Studio album by Jessica Winter
- Released: 11 July 2025
- Genre: Alternative pop; synth-pop;
- Length: 44:19
- Label: Lucky Number
- Producer: Bo En; Ferguson; Krinks; Raziel; Tim Randolph; Stefan Storm; Dante Traynor; Gamaliel Traynor; Jessica Winter;

Jessica Winter chronology
| Limerance (2023) | My First Album (2025) |  |

Singles from My First Album
- "L.O.V.E." Released: 18 February 2025; "All I Ever Really Wanted" Released: 8 April 2025; "Wannabe" Released: 13 May 2025; "Aftersun" Released: 11 June 2025; "Big Star" Released: 8 July 2025;

= My First Album (Jessica Winter album) =

My First Album is the debut studio album by English songwriter and musician Jessica Winter. It was released on 11 July 2025 via Lucky Number in LP, CD and digital formats.

==Background==
The album, noted as "very poppy" and incorporating elements of indie rock, disco and industrial music, was produced by Winter with alongside several producers including Clarence Clarity and Gamaliel Traynor. It was preceded by Winter's 2023 EP, Limerence, for which she received recognition as a Top 100 emerging artist from NME.
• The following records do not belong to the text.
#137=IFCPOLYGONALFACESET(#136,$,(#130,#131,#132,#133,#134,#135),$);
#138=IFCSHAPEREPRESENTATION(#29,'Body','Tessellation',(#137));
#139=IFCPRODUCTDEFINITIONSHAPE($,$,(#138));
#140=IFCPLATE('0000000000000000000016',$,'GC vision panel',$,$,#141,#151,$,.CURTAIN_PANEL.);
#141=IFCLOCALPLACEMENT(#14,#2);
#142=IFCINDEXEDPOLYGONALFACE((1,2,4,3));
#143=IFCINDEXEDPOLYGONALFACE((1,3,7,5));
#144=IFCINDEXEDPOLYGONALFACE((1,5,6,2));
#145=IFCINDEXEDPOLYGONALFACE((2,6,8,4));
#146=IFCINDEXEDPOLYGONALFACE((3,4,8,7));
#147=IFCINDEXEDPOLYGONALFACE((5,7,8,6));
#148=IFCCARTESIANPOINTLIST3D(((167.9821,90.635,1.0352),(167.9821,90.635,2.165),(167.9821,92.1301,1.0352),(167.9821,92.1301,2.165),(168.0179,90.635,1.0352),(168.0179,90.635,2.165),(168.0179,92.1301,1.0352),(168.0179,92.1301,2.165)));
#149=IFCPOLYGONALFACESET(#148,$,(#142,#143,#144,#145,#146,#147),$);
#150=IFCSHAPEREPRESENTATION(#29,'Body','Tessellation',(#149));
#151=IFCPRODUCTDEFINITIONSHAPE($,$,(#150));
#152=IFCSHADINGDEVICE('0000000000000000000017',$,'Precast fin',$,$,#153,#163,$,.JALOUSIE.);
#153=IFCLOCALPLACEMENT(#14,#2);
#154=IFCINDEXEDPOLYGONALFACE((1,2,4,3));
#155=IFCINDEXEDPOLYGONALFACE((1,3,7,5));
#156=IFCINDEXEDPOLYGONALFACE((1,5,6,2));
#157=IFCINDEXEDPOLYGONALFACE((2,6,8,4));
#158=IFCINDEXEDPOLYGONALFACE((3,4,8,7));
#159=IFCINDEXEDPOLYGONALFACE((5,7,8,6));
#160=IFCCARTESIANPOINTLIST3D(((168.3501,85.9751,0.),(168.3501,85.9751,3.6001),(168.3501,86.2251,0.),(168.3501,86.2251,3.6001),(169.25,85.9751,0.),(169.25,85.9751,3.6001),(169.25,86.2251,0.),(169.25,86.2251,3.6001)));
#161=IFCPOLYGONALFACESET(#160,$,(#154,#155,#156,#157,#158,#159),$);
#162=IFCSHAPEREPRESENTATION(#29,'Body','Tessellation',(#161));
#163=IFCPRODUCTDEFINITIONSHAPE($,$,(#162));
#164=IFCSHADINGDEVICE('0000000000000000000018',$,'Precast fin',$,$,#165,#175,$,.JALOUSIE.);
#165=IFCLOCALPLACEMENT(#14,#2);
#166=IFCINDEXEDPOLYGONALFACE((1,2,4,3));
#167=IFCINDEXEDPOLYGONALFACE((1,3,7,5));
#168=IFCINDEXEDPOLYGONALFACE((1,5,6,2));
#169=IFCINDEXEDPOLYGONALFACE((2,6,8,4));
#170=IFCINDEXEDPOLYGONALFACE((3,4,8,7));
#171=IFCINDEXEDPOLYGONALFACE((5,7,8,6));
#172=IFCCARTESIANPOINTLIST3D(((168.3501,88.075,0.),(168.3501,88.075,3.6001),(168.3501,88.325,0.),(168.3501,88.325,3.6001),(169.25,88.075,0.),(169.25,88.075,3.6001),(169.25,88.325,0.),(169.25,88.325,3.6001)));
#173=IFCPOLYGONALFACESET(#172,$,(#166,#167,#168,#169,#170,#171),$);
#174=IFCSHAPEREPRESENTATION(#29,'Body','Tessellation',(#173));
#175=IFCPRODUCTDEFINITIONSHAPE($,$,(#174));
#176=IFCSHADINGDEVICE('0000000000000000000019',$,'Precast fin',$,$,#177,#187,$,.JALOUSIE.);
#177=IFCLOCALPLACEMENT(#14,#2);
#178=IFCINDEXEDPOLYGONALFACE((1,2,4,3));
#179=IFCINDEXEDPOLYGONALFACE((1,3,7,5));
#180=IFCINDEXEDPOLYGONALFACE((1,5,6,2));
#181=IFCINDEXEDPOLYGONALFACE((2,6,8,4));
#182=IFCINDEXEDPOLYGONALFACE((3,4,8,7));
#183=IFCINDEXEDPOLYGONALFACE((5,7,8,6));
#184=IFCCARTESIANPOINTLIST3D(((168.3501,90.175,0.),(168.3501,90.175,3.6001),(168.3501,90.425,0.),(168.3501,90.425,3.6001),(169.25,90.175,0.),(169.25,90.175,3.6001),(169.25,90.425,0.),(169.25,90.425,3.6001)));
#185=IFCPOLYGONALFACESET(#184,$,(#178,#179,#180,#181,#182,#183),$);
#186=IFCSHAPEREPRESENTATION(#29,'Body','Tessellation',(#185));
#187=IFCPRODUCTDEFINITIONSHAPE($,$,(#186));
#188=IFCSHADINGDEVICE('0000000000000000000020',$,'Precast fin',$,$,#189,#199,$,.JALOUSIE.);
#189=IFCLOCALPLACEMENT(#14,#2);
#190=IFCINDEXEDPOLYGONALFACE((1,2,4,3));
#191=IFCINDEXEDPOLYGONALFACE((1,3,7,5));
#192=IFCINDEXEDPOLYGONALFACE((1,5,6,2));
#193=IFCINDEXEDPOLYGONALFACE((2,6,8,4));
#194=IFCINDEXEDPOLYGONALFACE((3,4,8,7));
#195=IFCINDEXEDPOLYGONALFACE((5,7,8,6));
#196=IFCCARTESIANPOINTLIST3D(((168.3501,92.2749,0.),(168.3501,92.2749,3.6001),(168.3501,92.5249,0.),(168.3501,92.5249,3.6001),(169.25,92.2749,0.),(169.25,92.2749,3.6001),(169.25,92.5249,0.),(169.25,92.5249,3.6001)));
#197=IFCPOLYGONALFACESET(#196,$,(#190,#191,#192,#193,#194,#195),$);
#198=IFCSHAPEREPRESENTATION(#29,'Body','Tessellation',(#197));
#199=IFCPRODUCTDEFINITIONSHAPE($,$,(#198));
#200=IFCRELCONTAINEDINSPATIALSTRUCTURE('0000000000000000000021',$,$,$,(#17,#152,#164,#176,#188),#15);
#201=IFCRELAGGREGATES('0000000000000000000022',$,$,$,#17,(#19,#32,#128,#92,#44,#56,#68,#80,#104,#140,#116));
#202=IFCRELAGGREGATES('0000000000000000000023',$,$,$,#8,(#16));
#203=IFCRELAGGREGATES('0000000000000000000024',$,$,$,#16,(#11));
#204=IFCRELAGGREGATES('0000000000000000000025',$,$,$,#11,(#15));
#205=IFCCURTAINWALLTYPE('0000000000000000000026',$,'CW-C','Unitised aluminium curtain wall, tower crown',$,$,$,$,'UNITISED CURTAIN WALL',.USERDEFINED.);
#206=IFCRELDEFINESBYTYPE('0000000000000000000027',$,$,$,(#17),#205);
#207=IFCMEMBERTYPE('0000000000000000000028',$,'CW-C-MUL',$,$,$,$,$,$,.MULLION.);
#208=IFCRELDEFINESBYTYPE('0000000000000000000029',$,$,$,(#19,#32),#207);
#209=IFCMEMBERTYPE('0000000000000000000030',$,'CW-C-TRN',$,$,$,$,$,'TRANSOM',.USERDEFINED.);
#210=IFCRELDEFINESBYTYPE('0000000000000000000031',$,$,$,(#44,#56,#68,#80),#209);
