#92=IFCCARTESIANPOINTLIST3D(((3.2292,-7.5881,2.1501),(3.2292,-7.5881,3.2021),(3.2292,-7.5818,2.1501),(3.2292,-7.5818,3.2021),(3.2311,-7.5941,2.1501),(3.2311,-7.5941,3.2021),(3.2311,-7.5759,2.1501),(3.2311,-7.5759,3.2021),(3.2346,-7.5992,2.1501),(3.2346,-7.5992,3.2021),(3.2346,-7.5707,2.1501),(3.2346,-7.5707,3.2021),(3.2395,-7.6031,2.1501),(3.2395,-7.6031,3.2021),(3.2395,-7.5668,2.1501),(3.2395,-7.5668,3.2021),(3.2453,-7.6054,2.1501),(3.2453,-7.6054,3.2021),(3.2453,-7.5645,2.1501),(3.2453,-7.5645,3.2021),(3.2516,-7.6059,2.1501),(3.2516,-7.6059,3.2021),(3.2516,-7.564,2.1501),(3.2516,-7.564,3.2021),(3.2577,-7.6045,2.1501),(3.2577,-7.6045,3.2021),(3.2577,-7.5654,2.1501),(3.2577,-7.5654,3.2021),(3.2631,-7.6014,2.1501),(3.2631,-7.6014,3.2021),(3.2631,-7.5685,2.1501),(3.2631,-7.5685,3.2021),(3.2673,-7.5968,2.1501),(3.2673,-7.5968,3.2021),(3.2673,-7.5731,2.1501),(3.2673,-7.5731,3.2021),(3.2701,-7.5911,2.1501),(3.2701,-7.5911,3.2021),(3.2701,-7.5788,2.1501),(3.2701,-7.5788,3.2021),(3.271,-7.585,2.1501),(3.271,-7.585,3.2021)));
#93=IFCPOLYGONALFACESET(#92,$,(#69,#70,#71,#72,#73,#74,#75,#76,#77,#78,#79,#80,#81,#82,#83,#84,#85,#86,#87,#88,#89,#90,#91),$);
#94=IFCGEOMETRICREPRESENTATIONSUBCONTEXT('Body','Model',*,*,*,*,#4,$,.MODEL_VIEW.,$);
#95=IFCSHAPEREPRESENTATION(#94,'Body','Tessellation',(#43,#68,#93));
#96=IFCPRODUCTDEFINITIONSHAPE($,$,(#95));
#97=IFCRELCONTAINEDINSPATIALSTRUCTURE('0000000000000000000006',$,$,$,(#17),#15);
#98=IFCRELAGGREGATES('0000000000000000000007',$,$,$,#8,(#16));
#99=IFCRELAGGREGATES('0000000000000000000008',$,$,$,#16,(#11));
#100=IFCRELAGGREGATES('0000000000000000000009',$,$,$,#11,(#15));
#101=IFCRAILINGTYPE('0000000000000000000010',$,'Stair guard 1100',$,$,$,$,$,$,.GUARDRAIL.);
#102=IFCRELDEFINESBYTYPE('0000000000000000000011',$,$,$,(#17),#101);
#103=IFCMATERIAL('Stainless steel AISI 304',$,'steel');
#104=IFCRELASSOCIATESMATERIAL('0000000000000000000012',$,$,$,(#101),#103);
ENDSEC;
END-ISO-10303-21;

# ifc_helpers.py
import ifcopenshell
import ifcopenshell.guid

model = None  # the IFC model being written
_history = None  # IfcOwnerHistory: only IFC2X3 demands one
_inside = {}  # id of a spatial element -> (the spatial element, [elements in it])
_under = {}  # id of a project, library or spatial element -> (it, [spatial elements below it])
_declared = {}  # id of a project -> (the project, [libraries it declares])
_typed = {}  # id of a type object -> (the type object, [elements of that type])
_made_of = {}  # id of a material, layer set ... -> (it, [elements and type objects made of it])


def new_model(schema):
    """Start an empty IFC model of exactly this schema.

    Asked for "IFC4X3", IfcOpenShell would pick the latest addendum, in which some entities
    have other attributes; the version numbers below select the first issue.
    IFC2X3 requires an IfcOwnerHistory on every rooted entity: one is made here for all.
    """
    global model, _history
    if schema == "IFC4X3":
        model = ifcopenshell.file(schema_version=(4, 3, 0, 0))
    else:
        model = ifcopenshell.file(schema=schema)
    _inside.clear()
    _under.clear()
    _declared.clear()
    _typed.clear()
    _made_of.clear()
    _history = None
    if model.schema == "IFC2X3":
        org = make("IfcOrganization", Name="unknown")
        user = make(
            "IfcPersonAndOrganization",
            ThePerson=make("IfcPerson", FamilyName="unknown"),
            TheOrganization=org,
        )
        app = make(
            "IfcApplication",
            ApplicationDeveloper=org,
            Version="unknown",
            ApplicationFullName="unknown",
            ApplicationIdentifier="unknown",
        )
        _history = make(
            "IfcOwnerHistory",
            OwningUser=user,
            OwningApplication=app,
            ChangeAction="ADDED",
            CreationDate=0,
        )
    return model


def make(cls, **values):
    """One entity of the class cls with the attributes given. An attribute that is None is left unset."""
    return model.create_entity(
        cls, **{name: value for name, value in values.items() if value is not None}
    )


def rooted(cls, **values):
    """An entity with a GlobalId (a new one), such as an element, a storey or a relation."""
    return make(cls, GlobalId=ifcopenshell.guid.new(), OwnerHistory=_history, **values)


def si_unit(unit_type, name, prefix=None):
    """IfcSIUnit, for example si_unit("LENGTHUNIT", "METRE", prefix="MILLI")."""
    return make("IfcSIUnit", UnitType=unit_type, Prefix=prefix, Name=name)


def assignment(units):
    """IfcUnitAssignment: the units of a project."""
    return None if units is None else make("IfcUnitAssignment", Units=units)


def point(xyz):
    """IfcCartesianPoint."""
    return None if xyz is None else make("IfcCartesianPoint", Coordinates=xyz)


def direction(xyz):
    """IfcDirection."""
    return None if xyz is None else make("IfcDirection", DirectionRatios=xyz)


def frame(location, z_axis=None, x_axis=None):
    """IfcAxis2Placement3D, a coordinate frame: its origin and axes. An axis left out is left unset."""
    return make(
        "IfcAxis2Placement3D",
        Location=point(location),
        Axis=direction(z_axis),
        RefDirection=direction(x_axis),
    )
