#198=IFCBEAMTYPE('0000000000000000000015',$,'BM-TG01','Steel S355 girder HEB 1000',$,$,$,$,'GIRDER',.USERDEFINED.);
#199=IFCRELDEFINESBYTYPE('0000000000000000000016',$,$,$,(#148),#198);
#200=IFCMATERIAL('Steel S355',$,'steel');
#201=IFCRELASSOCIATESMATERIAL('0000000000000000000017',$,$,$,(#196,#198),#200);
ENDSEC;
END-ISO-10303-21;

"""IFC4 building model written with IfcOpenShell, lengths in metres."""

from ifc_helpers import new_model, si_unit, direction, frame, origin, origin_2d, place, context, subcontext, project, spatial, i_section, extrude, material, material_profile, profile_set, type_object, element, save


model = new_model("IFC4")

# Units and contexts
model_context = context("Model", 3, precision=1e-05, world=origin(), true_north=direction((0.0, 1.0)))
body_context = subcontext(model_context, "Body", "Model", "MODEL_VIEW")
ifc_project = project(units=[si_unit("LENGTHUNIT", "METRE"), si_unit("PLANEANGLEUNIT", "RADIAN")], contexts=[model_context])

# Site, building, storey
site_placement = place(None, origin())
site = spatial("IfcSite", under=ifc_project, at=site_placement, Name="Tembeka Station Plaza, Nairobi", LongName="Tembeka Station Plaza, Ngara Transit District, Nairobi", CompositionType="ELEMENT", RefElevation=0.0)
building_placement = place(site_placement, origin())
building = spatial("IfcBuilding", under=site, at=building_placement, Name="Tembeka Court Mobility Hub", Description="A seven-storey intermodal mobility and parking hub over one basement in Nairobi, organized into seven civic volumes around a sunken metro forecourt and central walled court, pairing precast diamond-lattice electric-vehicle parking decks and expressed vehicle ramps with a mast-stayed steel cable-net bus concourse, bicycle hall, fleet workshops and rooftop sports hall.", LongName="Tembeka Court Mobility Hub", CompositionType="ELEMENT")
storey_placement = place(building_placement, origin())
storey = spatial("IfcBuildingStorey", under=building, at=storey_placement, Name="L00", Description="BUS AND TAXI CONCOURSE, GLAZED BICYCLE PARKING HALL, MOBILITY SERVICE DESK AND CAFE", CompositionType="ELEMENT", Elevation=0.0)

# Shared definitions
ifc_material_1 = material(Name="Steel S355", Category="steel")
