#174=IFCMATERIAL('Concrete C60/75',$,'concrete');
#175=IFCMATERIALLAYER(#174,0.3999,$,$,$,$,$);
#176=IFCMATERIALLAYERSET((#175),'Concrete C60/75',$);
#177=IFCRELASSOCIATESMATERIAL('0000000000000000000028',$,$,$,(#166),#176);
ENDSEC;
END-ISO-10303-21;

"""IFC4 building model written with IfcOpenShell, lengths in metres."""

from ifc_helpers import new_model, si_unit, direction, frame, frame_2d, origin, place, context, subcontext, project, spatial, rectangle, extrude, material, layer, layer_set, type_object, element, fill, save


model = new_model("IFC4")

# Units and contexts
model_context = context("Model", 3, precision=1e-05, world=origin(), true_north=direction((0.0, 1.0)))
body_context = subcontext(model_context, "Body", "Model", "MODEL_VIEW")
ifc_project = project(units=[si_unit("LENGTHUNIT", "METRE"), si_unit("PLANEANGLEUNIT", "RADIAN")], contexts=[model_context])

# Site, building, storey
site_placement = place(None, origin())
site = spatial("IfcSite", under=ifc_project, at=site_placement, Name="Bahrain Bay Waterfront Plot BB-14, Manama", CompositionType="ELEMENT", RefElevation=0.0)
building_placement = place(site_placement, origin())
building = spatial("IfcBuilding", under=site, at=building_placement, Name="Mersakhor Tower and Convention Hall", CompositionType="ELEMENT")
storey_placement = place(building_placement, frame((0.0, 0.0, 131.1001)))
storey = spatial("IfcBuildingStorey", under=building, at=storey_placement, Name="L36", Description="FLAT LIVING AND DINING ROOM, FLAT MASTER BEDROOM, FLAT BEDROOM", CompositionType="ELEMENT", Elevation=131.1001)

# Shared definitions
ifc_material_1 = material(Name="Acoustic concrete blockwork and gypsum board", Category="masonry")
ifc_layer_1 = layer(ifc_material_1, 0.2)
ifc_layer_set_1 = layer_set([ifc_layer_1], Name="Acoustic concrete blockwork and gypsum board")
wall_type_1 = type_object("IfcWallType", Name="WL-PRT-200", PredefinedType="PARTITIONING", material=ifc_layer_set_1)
The lead single of the album, "L.O.V.E.", was released on 18 February 2025. On 8 April 2025, she announced the album's tracklist and release date alongside its second single, "All I Ever Really Wanted". On 13 May 2025, she released "Wannabe", the album's third single. The album's fourth single, "Aftersun", was released on 11 June 2025. She released the album's final single, "Big Star", on 8 July 2025.

==Critical reception==

The album received a three-star rating from MusicOMH, whose reviewer John Murphy described it as "a fine debut album which hints at signs of greatness to come." AllMusic gave it a three-point-five rating and noted, "It should come as no surprise, then, that the self-produced My First Album doesn't sound like the work of a newbie, although it does find Winter making a statement about coming into her own."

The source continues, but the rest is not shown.